Maputo Mozambique
Maputo Mozambique, conception et mise en scène de Thomas Guérineau
À la différence du ménestrel, serviteur, «ministre» attaché à un seigneur, le jongleur est un itinérant et selon, les textes médiévaux, aussi nécessaire à une cérémonie de mariage que le prêtre.
Les jongleurs de passage assurent donc la gaieté des grands moments de l’existence et viennent tirer aussi de l’ennui le châtelain, quand il ne se distraie pas, en chassant ou en faisant la guerre. Avec les bateleurs et saltimbanques, habitués des châteaux, tournois et fêtes publiques, ils savent chanter et jouer d’instruments…
Aujourd’hui, ils ont investi les scènes… Autour du metteur en scène et jongleur Thomas Guérineau qui a réalisé ce Maputo Mozambique, six artistes mozambicains, brillants musiciens, jongleurs, acrobates et danseurs , s’en donnent à cœur joie dans un jeu collectif et pur.
Corps en mouvement, chants, jeux d’instruments aux sons inouïs et pas de danse font la joie du public. Statues animées ils s’amusent de leur souplesse musculaire et articulatoire pour en jouer avec facétie, à la fois dans l’humilité et le panache. Vêtus d’un marcel blanc et d’un pantalon sombre de jogging, ces artistes mozambicains ont pour nom : Ernesto Langa, Lourenço Vasco Lourenço, Dercio da Carolina Alvaro Pandza, José Joaquim Sitoé, Valdovino Claudio De Sousa, Dimas Carlos Tivane.
Ils ont nourri leur création de traditions orales, gestes rituels, improvisations dansées et vocales, rondes de transe, mais aussi d’un jeu entre le noir et le blanc que vient réveiller l’éblouissement solaire de sacs en plastique orange. Un bel art de la récup’…

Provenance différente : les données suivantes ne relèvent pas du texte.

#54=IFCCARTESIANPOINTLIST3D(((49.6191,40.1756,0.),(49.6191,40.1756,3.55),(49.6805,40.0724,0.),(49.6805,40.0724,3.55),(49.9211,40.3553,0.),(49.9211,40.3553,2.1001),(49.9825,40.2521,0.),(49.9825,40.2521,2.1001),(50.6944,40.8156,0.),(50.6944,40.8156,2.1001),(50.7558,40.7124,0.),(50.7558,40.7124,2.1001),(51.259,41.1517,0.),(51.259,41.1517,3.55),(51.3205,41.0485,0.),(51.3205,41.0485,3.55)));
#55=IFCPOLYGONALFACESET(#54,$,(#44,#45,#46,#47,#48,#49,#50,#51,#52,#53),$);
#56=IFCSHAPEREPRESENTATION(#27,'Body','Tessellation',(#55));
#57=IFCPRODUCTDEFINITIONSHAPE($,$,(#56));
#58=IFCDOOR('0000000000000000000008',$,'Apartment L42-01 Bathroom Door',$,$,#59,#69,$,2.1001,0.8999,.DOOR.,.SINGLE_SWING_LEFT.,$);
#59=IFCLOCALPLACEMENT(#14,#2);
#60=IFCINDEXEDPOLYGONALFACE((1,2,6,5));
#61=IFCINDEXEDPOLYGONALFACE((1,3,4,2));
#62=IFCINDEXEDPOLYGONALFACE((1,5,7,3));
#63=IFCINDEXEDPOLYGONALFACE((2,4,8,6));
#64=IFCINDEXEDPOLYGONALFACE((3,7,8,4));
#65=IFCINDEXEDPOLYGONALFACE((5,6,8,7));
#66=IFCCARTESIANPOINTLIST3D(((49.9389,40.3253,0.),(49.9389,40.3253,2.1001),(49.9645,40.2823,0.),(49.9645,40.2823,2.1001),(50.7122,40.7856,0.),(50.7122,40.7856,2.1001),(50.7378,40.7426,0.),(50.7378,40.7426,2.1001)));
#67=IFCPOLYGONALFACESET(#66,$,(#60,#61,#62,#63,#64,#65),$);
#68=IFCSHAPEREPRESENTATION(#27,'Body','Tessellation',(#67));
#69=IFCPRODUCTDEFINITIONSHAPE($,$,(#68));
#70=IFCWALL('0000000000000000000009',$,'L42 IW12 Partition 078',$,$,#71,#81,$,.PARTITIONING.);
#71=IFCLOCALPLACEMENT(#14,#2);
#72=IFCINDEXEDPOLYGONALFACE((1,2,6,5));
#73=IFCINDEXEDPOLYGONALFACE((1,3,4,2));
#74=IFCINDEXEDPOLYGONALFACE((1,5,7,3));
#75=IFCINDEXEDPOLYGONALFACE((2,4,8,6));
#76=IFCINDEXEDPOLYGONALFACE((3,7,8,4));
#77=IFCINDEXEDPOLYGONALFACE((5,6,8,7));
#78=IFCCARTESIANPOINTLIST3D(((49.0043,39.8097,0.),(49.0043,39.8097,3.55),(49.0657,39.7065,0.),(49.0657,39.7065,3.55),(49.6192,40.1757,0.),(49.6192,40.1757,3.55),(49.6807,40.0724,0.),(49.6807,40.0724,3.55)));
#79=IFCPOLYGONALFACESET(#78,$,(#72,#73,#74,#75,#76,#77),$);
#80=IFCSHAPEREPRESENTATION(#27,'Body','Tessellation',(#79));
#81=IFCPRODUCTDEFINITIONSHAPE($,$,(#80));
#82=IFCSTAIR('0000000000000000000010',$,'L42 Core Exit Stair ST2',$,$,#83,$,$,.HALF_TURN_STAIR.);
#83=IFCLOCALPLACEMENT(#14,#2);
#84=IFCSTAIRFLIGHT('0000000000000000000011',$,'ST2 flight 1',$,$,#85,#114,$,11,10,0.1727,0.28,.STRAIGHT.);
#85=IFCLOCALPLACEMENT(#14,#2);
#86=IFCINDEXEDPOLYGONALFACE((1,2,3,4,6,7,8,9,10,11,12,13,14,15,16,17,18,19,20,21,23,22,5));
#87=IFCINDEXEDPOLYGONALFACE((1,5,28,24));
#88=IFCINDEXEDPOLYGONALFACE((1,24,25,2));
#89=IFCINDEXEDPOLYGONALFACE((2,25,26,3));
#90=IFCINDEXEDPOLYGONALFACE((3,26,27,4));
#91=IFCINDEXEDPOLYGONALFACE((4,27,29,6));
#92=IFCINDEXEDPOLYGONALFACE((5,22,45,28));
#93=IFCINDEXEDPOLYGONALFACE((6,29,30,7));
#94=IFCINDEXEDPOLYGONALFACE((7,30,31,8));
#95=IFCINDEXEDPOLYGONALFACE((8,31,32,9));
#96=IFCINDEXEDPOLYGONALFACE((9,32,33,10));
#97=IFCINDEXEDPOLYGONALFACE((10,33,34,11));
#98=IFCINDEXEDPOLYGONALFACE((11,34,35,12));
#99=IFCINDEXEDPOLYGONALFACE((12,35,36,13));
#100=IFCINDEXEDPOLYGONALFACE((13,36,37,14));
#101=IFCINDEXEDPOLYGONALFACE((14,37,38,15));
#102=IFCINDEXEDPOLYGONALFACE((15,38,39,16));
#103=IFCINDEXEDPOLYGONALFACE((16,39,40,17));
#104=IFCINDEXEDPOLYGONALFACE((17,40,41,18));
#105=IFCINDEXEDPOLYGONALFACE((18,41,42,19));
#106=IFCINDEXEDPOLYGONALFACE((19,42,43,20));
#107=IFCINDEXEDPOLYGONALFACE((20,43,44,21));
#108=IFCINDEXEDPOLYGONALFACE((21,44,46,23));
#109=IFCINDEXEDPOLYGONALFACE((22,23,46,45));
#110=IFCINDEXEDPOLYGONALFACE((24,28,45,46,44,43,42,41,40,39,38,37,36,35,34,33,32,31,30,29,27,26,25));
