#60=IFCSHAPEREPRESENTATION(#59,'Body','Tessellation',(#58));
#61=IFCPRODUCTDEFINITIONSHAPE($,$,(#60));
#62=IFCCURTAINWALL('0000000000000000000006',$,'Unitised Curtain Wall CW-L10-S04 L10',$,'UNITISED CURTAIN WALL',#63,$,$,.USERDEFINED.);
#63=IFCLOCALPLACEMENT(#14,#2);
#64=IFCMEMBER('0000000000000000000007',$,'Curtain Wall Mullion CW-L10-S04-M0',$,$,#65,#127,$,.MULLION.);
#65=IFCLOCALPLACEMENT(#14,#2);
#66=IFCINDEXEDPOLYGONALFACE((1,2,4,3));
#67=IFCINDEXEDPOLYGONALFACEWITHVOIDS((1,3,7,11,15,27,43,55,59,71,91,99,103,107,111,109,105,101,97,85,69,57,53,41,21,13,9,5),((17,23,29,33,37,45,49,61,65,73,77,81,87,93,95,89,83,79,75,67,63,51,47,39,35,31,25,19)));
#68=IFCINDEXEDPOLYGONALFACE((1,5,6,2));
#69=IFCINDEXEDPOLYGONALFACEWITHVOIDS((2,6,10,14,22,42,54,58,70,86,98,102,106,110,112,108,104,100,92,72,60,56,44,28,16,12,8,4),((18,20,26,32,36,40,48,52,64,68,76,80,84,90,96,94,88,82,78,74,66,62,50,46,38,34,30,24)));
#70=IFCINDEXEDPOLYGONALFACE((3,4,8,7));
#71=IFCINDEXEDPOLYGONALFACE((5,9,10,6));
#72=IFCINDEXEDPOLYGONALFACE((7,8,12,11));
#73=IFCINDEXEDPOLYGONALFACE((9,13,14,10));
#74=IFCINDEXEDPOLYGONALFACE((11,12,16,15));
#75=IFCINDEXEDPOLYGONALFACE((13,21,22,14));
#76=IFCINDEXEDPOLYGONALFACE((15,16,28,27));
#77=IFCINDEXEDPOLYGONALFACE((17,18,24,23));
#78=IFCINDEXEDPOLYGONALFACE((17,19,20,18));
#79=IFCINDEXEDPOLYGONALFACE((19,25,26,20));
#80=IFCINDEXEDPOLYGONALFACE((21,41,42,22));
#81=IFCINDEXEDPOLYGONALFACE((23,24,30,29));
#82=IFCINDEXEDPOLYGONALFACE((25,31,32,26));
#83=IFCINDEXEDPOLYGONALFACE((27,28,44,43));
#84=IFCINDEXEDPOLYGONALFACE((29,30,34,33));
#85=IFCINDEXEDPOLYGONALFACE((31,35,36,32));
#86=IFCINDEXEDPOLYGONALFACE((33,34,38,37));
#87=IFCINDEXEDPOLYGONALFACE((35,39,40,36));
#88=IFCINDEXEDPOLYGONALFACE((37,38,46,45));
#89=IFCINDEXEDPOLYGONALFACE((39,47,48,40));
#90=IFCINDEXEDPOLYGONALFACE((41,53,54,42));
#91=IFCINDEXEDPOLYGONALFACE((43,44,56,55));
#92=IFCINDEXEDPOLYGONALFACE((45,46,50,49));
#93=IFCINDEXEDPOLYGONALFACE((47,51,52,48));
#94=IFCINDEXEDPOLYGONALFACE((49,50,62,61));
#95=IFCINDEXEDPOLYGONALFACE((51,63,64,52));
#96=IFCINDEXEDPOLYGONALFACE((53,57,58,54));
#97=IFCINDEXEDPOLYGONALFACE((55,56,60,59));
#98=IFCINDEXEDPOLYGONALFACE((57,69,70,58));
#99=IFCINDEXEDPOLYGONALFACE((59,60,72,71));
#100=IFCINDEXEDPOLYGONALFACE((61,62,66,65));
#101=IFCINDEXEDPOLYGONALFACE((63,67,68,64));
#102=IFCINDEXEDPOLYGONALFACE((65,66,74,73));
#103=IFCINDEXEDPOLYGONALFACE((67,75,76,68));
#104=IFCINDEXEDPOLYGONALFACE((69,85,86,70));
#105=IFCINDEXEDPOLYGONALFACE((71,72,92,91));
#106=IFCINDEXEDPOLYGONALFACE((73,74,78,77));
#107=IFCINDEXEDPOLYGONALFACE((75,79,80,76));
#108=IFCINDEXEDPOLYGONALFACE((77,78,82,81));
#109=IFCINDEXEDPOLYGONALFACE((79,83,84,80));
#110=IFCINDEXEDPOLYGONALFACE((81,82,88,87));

Percussionnistes, ils font rebondir une balle sur une timbale de peau et de cuivre, avec un son sec. Ils jonglent aussi avec trois balles et des feuilles de plastique en vrac que les acteurs s’échangent, tels des produits cultivés, gestes dont on devine qu’ils sont l’écho traditionnel, l’héritage du travail de la terre.
Un tel jonglage, à la fois corporel et dansé, éclaire la présence physique de ces athlètes, la musique de métronomes, percussions et rhombes, drôles d’instruments ancestraux.
On aimerait que les rondes, feutrées ou endiablées ne s’arrêtent pas de tourner, après que les artistes, placés sur une ligne droite, parallèle à la salle, se soient tous livrés à leur petite musique de percussion personnelle : une balle lancée sur la timbale de peau et de cuivre que leurs partenaires vont rattraper.
Musique et danse, rythme et gestuelle, fusion de balles, sacs en plastique et rhombes, instruments primitifs à vent que l’on fait tourner et qui produisent des sons issus du frottement avec l’air : tout convie à l’enchantement, et à la douce griserie d’un public heureux.
Un spectacle époustouflant de technique et d’art.
Véronique Hotte
Musée du Quai Branly -Théâtre Claude Lévi-Strauss, du 18 au 21 février à 20h, et dimanche 17h www. quaibranly.fr, www.facebook.com/theatreclaudelevistrauss
A Villeneuve-en-Scène/ Festival d’Avignon en juillet prochain.